# Peli case 1500 modification for flashlight collection?



## illuminate (Sep 27, 2012)

Hi there,

I have a empty Peli 1500 and plan to place all my flashlights in it.

The 1500 has a single center foam which is not very helpful for a flashlight collection.
I want to cut the foam to get two pieces.

My plan is, that I place a slim neoprene mat on the bottom and between the both center parts.
Then I can use the section for other items.

Does anyone have suggestions?

Thanks


----------



## illuminate (Oct 4, 2012)

no one has any idea? I mean, many collectors here use pelis and this problem must be present.


----------



## Echo63 (Oct 5, 2012)

You could possibly use a bit of thin plywood (with a bit of neoprene both sides) as a shelf, with the foam cut out to hold the lights in the appropriate shape stuck to the ply.
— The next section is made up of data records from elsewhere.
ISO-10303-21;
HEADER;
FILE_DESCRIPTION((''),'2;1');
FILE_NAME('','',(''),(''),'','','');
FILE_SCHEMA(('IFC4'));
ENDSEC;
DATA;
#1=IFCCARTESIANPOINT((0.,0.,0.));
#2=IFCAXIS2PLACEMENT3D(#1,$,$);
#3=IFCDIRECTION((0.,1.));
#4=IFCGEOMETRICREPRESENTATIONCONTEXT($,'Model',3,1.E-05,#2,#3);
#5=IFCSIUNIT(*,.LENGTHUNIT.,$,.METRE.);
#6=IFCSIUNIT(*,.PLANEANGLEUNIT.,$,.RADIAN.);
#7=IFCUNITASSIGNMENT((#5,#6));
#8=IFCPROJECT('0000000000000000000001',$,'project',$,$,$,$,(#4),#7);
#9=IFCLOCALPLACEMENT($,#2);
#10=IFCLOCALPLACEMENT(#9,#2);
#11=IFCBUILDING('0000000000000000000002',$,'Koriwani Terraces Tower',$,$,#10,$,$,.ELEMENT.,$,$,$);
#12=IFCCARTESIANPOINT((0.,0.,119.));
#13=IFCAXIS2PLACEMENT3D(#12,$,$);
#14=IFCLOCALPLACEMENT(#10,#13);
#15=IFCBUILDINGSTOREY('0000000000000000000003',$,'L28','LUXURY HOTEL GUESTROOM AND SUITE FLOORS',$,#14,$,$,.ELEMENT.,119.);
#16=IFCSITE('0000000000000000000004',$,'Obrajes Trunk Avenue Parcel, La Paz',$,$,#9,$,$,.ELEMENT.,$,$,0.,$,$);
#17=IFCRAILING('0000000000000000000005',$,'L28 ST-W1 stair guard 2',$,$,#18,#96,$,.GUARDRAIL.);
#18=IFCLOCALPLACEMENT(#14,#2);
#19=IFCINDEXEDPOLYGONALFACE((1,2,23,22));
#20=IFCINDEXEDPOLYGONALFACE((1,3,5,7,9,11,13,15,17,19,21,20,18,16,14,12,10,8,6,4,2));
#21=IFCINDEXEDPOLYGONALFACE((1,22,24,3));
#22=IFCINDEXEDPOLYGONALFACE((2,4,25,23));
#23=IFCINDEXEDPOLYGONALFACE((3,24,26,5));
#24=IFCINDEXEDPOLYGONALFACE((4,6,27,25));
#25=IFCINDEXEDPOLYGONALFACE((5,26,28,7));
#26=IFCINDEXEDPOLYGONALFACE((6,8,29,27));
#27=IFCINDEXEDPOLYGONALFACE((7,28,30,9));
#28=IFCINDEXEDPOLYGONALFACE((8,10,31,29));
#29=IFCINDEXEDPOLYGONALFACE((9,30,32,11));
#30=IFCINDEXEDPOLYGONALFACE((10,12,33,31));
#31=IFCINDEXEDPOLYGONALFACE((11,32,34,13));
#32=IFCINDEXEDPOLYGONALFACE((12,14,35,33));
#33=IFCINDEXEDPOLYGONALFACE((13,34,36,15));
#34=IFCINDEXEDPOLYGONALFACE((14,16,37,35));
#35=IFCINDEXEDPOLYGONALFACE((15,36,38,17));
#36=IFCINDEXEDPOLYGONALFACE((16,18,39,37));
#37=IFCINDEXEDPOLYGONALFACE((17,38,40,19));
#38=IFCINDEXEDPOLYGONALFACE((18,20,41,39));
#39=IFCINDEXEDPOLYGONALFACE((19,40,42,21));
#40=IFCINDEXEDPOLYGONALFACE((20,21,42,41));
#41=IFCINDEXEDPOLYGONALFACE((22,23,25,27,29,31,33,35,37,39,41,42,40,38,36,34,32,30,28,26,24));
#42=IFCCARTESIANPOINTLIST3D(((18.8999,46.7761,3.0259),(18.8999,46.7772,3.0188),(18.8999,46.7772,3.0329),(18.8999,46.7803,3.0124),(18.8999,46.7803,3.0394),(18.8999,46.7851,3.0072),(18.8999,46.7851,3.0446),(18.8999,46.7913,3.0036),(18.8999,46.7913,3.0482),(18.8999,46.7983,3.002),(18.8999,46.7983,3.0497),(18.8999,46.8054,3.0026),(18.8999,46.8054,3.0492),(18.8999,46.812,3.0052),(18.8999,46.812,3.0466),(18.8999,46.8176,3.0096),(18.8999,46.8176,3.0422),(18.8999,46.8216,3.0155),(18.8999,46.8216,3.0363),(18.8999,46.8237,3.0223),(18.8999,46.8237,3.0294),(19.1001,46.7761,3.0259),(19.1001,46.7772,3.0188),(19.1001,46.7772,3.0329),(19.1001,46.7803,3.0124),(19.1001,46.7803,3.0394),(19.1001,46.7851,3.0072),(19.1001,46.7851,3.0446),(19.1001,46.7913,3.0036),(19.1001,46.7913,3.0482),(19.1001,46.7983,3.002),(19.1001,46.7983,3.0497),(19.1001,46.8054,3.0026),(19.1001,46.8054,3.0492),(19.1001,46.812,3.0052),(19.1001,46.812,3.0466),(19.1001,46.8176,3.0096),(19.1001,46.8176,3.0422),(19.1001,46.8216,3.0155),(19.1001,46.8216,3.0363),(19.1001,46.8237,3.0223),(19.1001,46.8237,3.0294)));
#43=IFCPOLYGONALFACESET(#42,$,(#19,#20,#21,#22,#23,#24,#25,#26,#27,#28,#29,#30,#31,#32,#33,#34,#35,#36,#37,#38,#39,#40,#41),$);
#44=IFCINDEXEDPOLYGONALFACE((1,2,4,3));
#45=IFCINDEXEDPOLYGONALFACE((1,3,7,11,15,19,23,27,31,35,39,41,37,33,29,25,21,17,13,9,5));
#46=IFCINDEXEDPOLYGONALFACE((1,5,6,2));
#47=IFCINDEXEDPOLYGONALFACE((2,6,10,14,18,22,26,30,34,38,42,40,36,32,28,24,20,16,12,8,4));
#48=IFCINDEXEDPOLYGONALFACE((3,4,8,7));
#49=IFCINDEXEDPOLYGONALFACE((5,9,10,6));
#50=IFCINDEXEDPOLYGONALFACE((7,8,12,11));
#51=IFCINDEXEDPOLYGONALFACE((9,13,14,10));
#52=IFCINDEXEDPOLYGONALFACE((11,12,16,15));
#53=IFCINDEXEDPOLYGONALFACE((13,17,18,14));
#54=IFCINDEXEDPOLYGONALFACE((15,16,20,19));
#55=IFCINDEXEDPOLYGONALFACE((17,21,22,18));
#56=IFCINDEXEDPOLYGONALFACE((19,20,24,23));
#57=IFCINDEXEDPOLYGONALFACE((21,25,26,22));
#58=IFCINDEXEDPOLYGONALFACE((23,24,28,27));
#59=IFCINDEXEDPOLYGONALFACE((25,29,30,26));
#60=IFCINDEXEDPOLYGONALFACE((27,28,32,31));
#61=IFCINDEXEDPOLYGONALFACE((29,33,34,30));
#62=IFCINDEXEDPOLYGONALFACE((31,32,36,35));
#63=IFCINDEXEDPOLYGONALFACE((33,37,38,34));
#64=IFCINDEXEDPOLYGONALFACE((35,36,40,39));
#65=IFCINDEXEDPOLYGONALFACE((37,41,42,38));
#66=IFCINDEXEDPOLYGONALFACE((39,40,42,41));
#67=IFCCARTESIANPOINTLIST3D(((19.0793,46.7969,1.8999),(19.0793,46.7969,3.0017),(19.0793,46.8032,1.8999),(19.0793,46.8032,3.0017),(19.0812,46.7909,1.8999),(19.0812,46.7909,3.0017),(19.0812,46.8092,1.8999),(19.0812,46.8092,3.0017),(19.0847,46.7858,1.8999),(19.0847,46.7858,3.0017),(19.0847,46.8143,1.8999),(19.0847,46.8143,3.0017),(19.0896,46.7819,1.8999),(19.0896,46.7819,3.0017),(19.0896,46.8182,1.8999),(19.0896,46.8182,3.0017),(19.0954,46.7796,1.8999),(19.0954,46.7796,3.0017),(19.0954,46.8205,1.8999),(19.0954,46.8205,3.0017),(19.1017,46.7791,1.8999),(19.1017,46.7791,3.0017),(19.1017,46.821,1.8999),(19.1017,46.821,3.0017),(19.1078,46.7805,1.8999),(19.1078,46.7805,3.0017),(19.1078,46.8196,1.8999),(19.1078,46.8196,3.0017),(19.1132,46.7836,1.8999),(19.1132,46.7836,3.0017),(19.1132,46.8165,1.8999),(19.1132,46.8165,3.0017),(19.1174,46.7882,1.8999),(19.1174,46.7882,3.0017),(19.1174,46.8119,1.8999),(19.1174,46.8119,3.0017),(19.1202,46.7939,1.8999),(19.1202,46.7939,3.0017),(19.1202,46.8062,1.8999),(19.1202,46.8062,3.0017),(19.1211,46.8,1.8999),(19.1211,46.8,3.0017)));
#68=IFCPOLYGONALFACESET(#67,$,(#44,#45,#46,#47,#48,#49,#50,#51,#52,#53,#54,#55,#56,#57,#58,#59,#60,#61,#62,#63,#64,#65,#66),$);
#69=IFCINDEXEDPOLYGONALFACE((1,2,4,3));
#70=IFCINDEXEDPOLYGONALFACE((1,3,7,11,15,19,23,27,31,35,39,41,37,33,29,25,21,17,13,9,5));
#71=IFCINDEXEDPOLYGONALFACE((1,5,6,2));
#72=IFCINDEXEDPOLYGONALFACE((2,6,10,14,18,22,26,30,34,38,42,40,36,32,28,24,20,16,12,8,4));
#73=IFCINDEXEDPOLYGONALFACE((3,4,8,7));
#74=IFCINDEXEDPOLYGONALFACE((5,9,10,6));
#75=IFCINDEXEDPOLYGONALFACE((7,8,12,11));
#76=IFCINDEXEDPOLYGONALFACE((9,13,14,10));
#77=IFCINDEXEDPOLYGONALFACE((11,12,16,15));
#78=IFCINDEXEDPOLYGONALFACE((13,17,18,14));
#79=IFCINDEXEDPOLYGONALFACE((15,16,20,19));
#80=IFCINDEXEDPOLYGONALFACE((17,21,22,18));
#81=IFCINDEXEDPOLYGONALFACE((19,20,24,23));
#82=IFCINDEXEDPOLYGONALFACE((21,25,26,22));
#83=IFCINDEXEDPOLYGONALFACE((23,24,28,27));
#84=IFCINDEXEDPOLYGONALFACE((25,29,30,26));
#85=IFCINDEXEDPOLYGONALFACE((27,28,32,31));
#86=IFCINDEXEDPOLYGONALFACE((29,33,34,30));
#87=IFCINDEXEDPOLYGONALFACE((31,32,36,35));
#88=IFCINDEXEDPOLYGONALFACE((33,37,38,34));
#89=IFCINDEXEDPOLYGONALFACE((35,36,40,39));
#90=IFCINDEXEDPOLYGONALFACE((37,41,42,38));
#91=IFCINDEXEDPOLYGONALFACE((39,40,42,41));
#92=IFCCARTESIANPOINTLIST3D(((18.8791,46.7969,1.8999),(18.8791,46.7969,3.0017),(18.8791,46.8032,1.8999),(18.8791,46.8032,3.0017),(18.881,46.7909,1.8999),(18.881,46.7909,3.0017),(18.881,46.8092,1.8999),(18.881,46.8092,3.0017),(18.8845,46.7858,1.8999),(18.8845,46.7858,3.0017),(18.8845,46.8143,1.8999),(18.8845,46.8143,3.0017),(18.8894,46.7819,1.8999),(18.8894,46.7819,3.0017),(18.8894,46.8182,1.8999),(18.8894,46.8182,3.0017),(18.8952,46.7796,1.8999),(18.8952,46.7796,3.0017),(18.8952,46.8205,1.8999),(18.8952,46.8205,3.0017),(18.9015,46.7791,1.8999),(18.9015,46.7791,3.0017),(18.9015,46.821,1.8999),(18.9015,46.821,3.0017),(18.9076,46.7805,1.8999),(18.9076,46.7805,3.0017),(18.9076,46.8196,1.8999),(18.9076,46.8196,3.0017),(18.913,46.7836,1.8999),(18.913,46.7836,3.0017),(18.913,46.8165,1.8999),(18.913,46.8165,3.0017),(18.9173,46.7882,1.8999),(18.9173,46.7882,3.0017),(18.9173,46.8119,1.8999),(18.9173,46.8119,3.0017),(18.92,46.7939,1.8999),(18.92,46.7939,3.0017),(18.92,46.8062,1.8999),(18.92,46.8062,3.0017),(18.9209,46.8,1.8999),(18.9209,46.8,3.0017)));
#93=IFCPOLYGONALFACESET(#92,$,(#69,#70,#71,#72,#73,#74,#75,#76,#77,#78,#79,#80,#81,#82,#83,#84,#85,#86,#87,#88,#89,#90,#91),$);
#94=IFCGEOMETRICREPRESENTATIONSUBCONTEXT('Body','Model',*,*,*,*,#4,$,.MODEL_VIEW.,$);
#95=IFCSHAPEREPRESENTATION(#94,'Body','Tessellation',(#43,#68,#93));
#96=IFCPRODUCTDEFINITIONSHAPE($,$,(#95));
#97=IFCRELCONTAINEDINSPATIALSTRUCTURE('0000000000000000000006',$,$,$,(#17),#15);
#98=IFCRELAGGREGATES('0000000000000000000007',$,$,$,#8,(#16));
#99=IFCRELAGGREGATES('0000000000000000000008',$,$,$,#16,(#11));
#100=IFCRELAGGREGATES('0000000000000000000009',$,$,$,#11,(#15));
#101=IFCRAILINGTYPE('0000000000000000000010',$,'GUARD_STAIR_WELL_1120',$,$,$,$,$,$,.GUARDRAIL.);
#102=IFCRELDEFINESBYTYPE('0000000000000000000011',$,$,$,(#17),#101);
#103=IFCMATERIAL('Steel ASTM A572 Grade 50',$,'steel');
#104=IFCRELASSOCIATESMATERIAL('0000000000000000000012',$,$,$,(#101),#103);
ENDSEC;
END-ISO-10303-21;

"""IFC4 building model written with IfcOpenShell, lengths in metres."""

from ifc_helpers import new_model, si_unit, direction, frame, origin, origin_2d, place, context, subcontext, project, spatial, circle, extrude, material, type_object, element, save


model = new_model("IFC4")

# Units and contexts
model_context = context("Model", 3, precision=1e-05, world=origin(), true_north=direction((0.0, 1.0)))
body_context = subcontext(model_context, "Body", "Model", "MODEL_VIEW")
ifc_project = project(units=[si_unit("LENGTHUNIT", "METRE"), si_unit("PLANEANGLEUNIT", "RADIAN")], contexts=[model_context])

# Site, building, storey
site_placement = place(None, origin())
site = spatial("IfcSite", under=ifc_project, at=site_placement, Name="Obrajes Trunk Avenue Parcel, La Paz", CompositionType="ELEMENT", RefElevation=0.0)
building_placement = place(site_placement, origin())
building = spatial("IfcBuilding", under=site, at=building_placement, Name="Koriwani Terraces Tower", CompositionType="ELEMENT")
storey_placement = place(building_placement, frame((0.0, 0.0, 119.0)))
storey = spatial("IfcBuildingStorey", under=building, at=storey_placement, Name="L28", Description="LUXURY HOTEL GUESTROOM AND SUITE FLOORS", CompositionType="ELEMENT", Elevation=119.0)

# Shared definitions
ifc_material_1 = material(Name="Steel ASTM A572 Grade 50", Category="steel")

# Railing
railing_type_1 = type_object("IfcRailingType", Name="GUARD_STAIR_WELL_1120", PredefinedType="GUARDRAIL", material=ifc_material_1)
railing_1_placement = place(storey_placement, frame((19.1001, 46.8, 1.8999)))
element("IfcRailing", 1, at=railing_1_placement, inside=storey, type_object=railing_type_1, Name="L28 ST-W1 stair guard 2", PredefinedType="GUARDRAIL", context=body_context, shape_type="SweptSolid", body=[
    extrude(circle(Radius=0.0239, at=origin_2d()), frame((0.0, 0.0, 1.126), z_axis=(-1.0, 0.0, 0.0), x_axis=(0.0, -1.0, 0.0)), (0.0, 0.0, 1.0), 0.2002),
    extrude(circle(Radius=0.021, at=origin_2d()), origin(), (0.0, 0.0, 1.0), 1.1018),
    extrude(circle(Radius=0.021, at=origin_2d()), frame((-0.2002, 0.0, 0.0)), (0.0, 0.0, 1.0), 1.1018),
])

save(model, "model.ifc")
So from the bottom of the case working up you have neoprene on the bottom.
then foam an appropriate thickness to hold lights
Then a neoprene/ply/neoprene sandwich with another layer of foam (an appropriate thickness to hold lights) then the lid foam.

Im sure you could make some handles up from paracord to lift the top tray in and out.
(tools required would be a drill, saw, sharp knife, glue) and would be a pretty easy project


----------



## illuminate (Oct 5, 2012)

I had this idea before and got already an offer for a very thin and sturdy plastic shelf with professional cut. And, to adjust the extra height from the shelf, I put thin neopren on the bottom (because of the thick foam from the peli case.

I have to options:
1. I pick each foam out to fit the lights and cut them to the right length. But in this case, I can not use the lower section.
2. I follow my plans to cut it in half ... but the question again .. how?

I heard about freezing is. But than I have to make a propper cut. And that is not an easy task ...


----------